4.) Find the number of countries with low life expectancy and low GDP
This was done to redeem myself from the train-wreck that was my last attempt at figuring out how to find the number of countries with low life expectancy. No accompanying figures are included. If you must look at what I did, here's the link. (There goes another piece of my ego).
lowGdp <- 8000
lowLifeExp <- 65
lowGdp <- 8000
nLowLifeAndGdp <- ddply(bDat, ~continent + year, function(x) {
lowLifeExp = c(lowLifeExp = sum(x$lifeExp <= lowLifeExp))

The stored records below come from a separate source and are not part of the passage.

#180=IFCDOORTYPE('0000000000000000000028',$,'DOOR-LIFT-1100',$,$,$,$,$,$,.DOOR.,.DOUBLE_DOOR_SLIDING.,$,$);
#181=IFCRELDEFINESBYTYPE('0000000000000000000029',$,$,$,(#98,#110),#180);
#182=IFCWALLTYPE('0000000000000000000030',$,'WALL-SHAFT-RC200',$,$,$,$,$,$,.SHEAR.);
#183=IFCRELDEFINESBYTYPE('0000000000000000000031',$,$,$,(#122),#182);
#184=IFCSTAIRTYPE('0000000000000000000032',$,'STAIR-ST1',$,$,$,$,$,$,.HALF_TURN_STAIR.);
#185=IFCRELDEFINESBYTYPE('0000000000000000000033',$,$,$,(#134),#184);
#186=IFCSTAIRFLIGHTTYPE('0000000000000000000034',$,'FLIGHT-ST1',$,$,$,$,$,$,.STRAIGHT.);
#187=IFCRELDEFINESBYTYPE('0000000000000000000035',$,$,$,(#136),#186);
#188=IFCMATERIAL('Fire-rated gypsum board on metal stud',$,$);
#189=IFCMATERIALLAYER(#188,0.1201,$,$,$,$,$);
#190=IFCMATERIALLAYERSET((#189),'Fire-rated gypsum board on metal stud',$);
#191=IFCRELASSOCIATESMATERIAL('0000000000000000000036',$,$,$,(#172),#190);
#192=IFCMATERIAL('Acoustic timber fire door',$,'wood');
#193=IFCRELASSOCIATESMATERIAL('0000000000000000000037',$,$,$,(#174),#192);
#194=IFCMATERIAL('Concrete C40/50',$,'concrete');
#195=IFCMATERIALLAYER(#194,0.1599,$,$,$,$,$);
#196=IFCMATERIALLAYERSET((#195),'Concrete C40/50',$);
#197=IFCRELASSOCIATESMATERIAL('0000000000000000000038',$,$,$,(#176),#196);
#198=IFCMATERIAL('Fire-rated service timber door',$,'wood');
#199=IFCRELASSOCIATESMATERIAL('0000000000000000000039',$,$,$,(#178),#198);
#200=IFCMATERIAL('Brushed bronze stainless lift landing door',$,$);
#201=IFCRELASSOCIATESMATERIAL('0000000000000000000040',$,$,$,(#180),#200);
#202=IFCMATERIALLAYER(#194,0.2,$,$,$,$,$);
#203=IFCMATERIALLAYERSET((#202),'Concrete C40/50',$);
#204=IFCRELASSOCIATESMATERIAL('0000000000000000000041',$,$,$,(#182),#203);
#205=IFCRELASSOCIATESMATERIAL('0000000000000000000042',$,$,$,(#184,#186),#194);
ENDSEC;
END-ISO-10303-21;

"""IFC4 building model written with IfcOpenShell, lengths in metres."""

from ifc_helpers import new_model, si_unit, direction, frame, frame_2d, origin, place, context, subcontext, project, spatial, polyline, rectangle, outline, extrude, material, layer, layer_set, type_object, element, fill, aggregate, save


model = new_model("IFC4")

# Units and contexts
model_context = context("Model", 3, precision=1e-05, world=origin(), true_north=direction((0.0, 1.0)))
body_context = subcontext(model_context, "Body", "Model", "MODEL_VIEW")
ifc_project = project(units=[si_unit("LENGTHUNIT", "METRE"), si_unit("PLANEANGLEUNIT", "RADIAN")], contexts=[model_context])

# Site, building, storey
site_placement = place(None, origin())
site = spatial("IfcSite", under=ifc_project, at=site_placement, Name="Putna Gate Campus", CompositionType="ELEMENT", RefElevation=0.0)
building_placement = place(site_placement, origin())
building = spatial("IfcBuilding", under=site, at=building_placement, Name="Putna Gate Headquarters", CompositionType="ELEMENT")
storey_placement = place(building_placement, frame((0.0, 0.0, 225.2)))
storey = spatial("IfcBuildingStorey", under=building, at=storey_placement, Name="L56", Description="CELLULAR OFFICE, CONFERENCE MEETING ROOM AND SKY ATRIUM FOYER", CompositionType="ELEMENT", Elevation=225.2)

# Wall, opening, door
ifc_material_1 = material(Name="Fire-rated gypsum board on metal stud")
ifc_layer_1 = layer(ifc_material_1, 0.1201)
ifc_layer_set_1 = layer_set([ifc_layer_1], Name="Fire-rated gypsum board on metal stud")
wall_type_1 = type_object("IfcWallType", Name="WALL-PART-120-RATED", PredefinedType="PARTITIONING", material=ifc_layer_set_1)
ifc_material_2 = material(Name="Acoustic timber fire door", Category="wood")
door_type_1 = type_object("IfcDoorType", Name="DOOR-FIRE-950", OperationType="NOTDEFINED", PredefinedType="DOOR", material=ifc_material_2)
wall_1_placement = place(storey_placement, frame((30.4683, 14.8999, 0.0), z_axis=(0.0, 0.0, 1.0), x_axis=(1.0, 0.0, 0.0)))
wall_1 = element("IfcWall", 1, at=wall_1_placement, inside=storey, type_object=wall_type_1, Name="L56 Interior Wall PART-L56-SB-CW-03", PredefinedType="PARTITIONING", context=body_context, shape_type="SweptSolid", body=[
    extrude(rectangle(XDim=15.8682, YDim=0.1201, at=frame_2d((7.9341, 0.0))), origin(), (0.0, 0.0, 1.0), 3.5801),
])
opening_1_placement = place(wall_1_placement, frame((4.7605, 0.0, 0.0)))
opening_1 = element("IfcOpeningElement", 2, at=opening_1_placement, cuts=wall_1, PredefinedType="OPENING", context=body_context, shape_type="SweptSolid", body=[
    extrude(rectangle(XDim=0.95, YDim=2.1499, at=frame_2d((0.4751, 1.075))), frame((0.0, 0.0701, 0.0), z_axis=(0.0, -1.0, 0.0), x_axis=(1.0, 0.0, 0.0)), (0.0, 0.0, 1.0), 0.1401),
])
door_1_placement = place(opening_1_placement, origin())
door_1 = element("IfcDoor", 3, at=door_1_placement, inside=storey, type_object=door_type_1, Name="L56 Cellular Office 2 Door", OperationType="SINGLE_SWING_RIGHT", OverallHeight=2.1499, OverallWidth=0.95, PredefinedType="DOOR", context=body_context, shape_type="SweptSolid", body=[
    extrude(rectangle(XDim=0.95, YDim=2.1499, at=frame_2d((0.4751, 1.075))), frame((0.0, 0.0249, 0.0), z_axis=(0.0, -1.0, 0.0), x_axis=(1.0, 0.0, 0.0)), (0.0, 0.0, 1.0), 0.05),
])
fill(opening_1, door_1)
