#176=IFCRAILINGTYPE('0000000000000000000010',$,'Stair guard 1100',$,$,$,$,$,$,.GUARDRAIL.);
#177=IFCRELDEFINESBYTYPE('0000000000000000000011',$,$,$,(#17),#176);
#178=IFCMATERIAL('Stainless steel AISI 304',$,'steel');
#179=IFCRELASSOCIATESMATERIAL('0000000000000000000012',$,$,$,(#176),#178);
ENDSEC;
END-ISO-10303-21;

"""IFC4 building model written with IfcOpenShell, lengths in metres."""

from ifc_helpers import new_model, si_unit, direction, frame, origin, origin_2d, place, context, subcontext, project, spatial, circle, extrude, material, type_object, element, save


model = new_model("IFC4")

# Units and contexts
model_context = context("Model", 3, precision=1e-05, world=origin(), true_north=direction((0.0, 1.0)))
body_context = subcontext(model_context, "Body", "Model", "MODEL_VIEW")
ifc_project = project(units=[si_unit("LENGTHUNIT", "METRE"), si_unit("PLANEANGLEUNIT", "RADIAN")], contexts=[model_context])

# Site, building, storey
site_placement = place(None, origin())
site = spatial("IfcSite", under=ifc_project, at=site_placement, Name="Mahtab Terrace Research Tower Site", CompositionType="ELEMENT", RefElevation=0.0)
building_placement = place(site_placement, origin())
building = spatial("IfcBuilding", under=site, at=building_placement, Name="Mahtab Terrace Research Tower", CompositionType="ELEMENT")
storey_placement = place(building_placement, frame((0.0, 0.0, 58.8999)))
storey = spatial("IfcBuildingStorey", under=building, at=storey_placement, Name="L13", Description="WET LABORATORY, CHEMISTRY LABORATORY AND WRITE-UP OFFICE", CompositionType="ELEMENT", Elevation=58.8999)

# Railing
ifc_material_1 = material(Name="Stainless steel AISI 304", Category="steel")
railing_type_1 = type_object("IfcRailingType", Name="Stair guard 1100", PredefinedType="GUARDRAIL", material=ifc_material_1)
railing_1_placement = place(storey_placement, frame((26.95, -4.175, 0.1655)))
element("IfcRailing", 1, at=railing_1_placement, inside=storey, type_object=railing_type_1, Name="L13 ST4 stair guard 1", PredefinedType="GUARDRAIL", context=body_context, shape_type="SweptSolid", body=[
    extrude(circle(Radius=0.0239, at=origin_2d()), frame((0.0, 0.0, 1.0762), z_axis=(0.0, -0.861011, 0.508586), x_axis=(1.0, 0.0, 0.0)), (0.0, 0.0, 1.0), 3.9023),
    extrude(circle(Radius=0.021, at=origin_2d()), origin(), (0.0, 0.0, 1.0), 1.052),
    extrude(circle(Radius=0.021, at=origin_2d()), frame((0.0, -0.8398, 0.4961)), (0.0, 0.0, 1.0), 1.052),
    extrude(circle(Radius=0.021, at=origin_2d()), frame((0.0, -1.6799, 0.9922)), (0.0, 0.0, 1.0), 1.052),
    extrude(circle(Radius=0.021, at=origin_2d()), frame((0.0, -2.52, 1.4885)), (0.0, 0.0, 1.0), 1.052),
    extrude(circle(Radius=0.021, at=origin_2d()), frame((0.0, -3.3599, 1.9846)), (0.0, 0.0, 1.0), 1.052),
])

lowGdp = c(lowGdp = sum(x$gdpPercap <= lowGdp))
c(lowLifeExp, lowGdp)
})
nLowLifeAndGdp
## continent year lowLifeExp lowGdp
## 1 Africa 1952 52 52
## 2 Africa 2007 43 46
## 3 Americas 1952 22 23
## 4 Americas 2007 1 12
## 5 Asia 1952 32 31
## 6 Asia 2007 8 20
## 7 Europe 1952 13 23
## 8 Europe 2007 0 2
5.) Now, we want to look at average life expectancy and average GDP
I'm interested in whether the relationship between GDP and life expectancy has become stronger or weaker over time.
avgLifeExpAndGdp <- ddply(bDat, ~year + continent, summarize, avgGdp = mean(gdpPercap),
avgLifeExp = mean(lifeExp))
avgLifeExpAndGdp
## year continent avgGdp avgLifeExp
## 1 1952 Africa 1253 39.14
## 2 1952 Americas 4079 53.28
## 3 1952 Asia 5195 46.31
## 4 1952 Europe 5661 64.41
## 5 2007 Africa 3089 54.81
## 6 2007 Americas 11003 73.61
## 7 2007 Asia 12473 70.73
## 8 2007 Europe 25054 77.65
xyplot(avgLifeExp ~ avgGdp, avgLifeExpAndGdp, group = year, type = c("p", "r"),
auto.key = TRUE, main = "Relationship between GDP and life expectancy for 1952 and 2007")
We can see that the relationship between GDP and life expectancy seems to have become weaker, given the decrease in slope from 1952 to 2007.
To sum, lattice is a very useful package for creating graphics.